Donuts served 10 to 4 on weekends starting now.  New November hours are:  Open every day 10 to 6.  It will be dark before 6 so please don’t be THAT guy who shows up at 5:53 to start your magical u-pick adventure.  We are small farmers and want to go home for dinner.  Which right now means a plate of squash and sprouts.  Every night it seems like.  Donut hours got a cutback under executive order from Farm President Steve.  We are doing fresh donuts til 4 on Saturday and Sunday instead of going til 6.  Any later in the day will spoil your dinner of sprouts and squash.

Squash.  Still have about a crate each of delicata, acorn, and carnival, plus some randoms.  Roast, fry, bake, broil.

Sprouts.  They are cruciferous, delicercioush, nutrisherlisht.  Not many foods can claim that.  Come lop your own.  You get to use a big farm tool commonly used by small farmers.  It’s called loppers.  You cut the whole stalk with our loppers and take the whole stalk home and make sure people see you with it because the whole stalk looks very funny and different than your typical grocery.  It might be the biggest grocery you ever had.  Taller than a pumpkin on top of a turkey.  It will make you look even more locavore than you really are.  Buff up your personal brand by parading nonchalantly with your stalk up and down the avenue.  “Gee, that gal is so devil-may-care.  What is that most extraordinary grocery she’s sporting?”

$2 for any pumpkin you want.  You can see the remaining inventory in the picture.  Three cheers for all Farmketeers!  You picked more pumpkins than EVER before – even through 3 weekends of rain.  There might be a few more in the field.  Soggy most likely.  Sometimes The Piggery pigs munch down the leftovers.  Anything else will get plowed under for next year’s vegetable rotation.

Sometimes you are the windshield and sometimes you are the bug.  This poor apple was the bug twice in a row.  First it got chomped on by the ravenous Jackal Lantern.  Next day a mouse ate the apple right out of the pumpkin’s mouth.  It’s not easy being an apple.  Even without being blamed for the THING that went down in Eden.  Fun creation by Farmketeer Ursula.

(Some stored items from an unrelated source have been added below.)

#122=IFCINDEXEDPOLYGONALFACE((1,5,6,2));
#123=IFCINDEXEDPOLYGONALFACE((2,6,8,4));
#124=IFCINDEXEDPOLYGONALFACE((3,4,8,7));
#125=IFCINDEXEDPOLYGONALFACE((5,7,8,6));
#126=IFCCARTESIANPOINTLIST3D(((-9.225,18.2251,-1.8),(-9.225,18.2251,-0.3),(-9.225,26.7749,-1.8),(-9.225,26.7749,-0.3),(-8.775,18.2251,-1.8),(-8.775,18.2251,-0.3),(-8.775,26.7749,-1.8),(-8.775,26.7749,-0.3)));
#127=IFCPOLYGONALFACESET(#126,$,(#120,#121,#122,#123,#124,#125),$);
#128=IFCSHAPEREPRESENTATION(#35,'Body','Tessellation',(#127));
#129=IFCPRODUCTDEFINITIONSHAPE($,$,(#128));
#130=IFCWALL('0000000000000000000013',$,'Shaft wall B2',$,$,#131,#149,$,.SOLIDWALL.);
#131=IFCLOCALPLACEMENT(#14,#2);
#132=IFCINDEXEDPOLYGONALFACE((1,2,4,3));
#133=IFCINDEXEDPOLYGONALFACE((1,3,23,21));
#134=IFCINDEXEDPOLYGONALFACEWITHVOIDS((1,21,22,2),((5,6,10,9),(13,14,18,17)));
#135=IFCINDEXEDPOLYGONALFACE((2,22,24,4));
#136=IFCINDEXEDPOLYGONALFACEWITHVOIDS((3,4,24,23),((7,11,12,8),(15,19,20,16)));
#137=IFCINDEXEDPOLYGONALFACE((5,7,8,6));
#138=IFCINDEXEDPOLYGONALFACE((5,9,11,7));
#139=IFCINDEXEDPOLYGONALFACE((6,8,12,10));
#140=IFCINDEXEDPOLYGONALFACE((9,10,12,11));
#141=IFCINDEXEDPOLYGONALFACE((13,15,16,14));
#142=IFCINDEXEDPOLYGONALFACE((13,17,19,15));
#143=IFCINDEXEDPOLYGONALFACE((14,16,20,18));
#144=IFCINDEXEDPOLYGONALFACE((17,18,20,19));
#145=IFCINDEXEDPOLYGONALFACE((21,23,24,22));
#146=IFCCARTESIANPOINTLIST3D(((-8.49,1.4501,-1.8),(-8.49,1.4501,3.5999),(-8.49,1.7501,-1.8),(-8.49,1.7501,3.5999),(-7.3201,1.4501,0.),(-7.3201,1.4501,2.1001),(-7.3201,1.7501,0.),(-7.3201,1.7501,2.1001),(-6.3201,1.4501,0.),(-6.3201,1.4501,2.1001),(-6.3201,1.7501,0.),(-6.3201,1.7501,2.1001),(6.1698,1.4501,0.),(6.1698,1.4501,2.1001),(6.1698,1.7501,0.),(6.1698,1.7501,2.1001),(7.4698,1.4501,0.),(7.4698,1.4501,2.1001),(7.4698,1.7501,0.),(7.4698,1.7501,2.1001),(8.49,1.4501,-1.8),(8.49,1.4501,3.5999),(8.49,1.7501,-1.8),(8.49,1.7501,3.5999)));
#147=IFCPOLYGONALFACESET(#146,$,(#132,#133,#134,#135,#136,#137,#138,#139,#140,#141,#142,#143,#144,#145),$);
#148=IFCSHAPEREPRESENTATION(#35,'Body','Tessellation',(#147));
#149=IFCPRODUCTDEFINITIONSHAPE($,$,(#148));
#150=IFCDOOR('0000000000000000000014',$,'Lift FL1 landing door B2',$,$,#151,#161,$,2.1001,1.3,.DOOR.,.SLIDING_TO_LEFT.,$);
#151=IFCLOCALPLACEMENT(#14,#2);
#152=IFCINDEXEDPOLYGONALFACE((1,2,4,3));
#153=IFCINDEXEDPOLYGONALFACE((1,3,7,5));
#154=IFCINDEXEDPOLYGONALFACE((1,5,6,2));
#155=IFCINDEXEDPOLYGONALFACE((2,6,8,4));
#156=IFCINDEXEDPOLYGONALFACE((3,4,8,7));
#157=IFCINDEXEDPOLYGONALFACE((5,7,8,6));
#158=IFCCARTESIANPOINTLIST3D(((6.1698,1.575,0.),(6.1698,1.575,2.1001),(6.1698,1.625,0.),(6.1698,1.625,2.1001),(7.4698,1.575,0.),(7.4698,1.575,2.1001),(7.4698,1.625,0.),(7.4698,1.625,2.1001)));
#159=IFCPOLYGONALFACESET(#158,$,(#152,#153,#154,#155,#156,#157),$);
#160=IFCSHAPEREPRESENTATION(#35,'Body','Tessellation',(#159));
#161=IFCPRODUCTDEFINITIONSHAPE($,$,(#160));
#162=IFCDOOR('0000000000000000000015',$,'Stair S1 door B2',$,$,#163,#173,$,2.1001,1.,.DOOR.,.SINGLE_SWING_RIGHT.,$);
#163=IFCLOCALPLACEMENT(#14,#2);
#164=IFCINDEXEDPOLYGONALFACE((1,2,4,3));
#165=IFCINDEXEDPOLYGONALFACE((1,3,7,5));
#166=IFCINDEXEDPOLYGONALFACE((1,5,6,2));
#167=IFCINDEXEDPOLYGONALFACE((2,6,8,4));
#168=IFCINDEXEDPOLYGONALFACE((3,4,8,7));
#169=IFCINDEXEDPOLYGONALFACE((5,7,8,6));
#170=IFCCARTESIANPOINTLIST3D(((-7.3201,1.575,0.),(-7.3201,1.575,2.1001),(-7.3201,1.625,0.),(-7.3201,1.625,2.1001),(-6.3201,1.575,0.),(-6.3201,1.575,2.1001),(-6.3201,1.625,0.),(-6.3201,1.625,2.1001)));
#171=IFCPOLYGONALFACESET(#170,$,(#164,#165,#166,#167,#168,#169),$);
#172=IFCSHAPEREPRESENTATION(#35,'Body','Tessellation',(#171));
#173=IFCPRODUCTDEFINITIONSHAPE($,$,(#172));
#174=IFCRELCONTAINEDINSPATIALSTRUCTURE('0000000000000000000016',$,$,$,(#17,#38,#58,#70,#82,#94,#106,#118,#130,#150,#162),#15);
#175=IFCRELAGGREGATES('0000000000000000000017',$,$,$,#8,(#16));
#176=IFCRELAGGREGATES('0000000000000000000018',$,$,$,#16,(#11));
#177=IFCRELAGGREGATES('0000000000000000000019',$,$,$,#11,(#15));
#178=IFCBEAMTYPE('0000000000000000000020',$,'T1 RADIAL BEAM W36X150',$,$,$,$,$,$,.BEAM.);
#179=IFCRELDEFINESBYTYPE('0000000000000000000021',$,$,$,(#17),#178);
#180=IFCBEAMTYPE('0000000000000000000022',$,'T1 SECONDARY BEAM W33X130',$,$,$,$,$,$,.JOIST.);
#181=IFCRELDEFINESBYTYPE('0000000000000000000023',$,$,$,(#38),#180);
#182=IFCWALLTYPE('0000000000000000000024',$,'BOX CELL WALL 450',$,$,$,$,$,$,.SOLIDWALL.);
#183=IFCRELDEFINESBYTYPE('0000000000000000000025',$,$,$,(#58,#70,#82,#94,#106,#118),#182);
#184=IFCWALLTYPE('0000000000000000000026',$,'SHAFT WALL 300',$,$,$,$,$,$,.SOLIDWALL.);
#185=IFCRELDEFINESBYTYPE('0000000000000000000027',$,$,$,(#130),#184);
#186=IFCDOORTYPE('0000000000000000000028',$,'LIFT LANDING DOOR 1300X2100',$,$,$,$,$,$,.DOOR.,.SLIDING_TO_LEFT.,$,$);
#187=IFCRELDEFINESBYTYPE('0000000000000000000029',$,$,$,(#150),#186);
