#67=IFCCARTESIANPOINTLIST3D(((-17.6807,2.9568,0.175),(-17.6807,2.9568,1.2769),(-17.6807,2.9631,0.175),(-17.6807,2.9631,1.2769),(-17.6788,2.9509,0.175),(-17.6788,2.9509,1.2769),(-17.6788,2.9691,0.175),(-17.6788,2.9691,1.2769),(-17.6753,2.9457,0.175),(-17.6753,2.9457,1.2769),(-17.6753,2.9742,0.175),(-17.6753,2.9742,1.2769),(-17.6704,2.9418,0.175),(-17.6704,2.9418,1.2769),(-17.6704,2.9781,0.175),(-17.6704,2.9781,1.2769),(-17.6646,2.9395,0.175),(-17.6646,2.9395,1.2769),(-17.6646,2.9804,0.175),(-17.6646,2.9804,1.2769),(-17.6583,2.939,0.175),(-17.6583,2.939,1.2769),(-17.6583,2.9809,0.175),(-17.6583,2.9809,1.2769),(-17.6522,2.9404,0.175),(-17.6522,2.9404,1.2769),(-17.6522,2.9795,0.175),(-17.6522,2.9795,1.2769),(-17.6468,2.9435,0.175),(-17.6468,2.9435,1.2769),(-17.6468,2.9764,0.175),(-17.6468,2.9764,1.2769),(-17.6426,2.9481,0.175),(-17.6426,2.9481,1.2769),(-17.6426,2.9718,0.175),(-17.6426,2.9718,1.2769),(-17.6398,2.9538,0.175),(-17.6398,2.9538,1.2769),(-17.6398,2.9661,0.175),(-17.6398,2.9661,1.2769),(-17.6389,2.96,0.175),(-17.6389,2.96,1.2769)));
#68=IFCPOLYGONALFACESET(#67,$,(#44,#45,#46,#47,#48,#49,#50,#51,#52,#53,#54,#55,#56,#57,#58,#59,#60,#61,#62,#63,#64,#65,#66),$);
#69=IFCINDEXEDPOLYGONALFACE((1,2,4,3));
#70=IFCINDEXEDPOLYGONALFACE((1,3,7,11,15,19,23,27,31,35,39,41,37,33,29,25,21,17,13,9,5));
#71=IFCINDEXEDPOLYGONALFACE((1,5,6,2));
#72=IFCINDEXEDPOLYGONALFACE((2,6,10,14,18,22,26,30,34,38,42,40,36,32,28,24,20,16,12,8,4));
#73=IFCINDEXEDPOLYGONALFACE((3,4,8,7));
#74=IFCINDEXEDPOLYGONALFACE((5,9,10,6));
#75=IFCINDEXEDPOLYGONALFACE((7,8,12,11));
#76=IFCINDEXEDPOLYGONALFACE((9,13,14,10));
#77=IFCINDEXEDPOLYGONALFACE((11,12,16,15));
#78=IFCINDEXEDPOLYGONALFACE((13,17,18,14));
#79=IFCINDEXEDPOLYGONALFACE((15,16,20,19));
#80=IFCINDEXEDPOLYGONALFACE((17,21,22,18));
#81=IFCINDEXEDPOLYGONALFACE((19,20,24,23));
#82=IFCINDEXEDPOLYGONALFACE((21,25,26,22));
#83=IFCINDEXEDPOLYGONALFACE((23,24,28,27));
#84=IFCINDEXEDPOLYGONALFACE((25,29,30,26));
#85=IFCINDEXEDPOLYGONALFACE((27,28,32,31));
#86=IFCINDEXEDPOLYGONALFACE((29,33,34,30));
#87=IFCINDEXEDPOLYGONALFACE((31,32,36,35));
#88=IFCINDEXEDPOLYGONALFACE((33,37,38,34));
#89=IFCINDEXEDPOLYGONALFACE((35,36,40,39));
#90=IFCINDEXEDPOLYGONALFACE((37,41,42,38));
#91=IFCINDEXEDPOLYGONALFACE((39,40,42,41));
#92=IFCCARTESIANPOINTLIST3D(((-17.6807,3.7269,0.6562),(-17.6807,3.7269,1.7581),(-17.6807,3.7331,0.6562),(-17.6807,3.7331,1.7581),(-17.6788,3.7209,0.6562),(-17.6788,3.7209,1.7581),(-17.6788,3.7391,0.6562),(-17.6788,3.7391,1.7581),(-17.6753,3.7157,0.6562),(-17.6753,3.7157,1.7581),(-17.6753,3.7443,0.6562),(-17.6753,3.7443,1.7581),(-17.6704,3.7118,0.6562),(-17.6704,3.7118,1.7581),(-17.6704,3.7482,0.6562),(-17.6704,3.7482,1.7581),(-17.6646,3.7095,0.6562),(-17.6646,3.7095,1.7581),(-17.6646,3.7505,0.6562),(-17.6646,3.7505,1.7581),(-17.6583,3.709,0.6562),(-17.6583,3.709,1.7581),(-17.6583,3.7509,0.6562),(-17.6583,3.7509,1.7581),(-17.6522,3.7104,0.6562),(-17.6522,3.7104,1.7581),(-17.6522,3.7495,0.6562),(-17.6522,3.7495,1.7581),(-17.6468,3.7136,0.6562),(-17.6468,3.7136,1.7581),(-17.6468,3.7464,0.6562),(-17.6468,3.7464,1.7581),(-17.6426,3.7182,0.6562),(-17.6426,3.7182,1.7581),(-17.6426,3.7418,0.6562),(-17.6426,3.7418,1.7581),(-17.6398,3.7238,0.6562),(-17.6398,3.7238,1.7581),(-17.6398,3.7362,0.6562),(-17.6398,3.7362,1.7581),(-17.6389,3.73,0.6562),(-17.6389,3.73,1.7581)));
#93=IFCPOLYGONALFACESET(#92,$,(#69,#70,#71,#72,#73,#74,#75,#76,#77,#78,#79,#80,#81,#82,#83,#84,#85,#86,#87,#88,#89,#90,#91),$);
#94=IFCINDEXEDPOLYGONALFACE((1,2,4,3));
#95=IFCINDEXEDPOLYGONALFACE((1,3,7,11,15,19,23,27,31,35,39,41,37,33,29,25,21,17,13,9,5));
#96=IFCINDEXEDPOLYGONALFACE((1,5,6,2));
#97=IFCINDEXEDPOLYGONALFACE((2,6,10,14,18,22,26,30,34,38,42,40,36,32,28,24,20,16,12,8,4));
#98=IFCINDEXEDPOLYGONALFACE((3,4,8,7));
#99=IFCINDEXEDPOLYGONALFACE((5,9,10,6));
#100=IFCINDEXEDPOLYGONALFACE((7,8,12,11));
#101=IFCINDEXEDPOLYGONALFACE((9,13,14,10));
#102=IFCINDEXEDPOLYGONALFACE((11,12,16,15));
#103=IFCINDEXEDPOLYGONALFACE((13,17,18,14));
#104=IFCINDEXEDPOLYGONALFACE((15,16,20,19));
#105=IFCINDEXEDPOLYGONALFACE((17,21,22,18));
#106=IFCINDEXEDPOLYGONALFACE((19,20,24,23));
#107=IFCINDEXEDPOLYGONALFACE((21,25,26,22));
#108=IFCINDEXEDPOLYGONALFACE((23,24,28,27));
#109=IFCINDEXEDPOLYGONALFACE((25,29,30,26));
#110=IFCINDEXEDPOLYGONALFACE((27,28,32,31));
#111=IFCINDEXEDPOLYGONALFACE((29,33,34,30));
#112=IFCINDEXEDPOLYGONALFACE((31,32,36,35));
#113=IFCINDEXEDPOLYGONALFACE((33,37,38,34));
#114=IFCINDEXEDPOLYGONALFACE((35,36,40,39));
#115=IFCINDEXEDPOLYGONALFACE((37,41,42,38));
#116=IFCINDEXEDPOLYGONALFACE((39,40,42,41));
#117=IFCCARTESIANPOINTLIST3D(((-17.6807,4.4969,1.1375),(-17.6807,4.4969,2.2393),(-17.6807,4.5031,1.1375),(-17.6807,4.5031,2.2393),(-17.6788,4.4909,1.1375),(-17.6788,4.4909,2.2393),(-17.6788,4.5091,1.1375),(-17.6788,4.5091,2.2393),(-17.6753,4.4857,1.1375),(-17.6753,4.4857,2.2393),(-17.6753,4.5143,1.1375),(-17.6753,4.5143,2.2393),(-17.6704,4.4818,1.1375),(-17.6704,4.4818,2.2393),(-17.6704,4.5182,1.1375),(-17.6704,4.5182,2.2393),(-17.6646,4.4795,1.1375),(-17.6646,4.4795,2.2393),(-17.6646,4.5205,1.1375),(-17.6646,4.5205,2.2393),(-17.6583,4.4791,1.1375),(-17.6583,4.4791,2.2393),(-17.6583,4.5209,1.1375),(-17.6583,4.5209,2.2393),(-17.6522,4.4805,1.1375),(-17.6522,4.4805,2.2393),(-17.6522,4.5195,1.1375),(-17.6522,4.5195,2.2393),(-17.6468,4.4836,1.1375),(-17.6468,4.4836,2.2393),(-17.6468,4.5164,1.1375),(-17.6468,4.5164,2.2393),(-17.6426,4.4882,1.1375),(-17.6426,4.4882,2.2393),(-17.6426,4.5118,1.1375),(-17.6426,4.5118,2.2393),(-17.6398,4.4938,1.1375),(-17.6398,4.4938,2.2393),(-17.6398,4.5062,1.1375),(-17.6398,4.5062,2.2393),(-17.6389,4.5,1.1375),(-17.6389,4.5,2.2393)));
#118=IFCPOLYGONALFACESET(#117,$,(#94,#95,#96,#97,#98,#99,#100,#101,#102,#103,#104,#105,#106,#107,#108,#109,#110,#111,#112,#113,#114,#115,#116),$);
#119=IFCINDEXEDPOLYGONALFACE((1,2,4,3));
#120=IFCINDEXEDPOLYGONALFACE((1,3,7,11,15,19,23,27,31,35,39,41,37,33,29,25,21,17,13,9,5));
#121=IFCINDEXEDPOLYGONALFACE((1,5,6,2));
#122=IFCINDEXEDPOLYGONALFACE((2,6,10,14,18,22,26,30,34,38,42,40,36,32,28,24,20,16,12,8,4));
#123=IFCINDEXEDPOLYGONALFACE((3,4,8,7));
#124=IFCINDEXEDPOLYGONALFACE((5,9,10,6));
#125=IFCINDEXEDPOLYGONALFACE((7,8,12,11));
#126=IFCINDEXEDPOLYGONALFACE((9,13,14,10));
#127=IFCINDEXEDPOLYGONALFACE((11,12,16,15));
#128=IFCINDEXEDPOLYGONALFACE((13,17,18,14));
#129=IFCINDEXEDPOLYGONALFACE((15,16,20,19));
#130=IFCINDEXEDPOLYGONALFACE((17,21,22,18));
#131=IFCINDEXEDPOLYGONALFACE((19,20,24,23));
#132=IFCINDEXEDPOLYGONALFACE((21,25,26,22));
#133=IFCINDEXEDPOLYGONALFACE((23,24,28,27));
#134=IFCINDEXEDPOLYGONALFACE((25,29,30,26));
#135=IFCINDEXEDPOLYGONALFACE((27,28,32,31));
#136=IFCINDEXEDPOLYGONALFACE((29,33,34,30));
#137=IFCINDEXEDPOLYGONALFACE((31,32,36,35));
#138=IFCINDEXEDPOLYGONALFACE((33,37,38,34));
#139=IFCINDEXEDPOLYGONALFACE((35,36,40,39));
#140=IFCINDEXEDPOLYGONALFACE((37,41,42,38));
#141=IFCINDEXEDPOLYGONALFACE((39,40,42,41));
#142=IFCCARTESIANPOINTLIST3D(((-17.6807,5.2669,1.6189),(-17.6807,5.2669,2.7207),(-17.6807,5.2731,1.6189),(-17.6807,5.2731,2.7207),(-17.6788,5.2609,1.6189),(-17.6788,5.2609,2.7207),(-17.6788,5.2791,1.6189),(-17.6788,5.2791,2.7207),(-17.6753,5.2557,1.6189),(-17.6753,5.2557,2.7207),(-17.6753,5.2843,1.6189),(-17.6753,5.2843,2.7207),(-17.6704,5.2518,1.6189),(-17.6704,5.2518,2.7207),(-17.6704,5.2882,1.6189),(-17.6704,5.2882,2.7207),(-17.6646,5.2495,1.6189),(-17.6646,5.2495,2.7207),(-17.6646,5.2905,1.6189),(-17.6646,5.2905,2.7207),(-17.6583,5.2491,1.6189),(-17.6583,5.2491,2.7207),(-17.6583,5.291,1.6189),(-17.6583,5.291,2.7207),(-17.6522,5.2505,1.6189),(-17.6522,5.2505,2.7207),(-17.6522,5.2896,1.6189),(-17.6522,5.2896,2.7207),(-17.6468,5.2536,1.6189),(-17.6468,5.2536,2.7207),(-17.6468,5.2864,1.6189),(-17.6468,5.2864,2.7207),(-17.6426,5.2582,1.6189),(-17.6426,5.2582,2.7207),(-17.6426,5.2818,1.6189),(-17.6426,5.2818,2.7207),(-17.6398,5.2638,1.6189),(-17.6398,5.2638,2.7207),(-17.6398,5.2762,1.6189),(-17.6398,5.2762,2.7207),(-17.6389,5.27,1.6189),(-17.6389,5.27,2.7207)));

Mupp-O-Lantern.  That’s Ernie and Bert!  Thank you Farm Fan @megsambit and Judson Powers.

Pawsitively Pumpkin.  Thank you Beth Leigh Kniffen and Jamie Kniffen.

(Short commercial break for a nice dog.  Thanks @roxyjindo.)

Cider.  Orchard Ambrosia.  Nectar of the Dogs Gods.  We are still pressing every week.  100% fruit.  Just apples and pears.  Picked off the trees, none off the ground.  Sweet and delicious.  Unpasteurized like the old days.  Freezes great for winter storage.  Get gallons and 1/2 gallons and bring your carboys for your homebrew projects.

Thank you for sticking with us into November.  A few more visits from Faithful Farkmeteers will help us finish this extraordinary harvest.  We expect to stay open a few more weeks, perhaps til Thanksgiving.  So you might get another couple newsletters, then things will taper off for the winter.  Thank you @emma_m_thomas for that lovely next pic.

Love to y’all.  Hope to see you at The ‘Creek.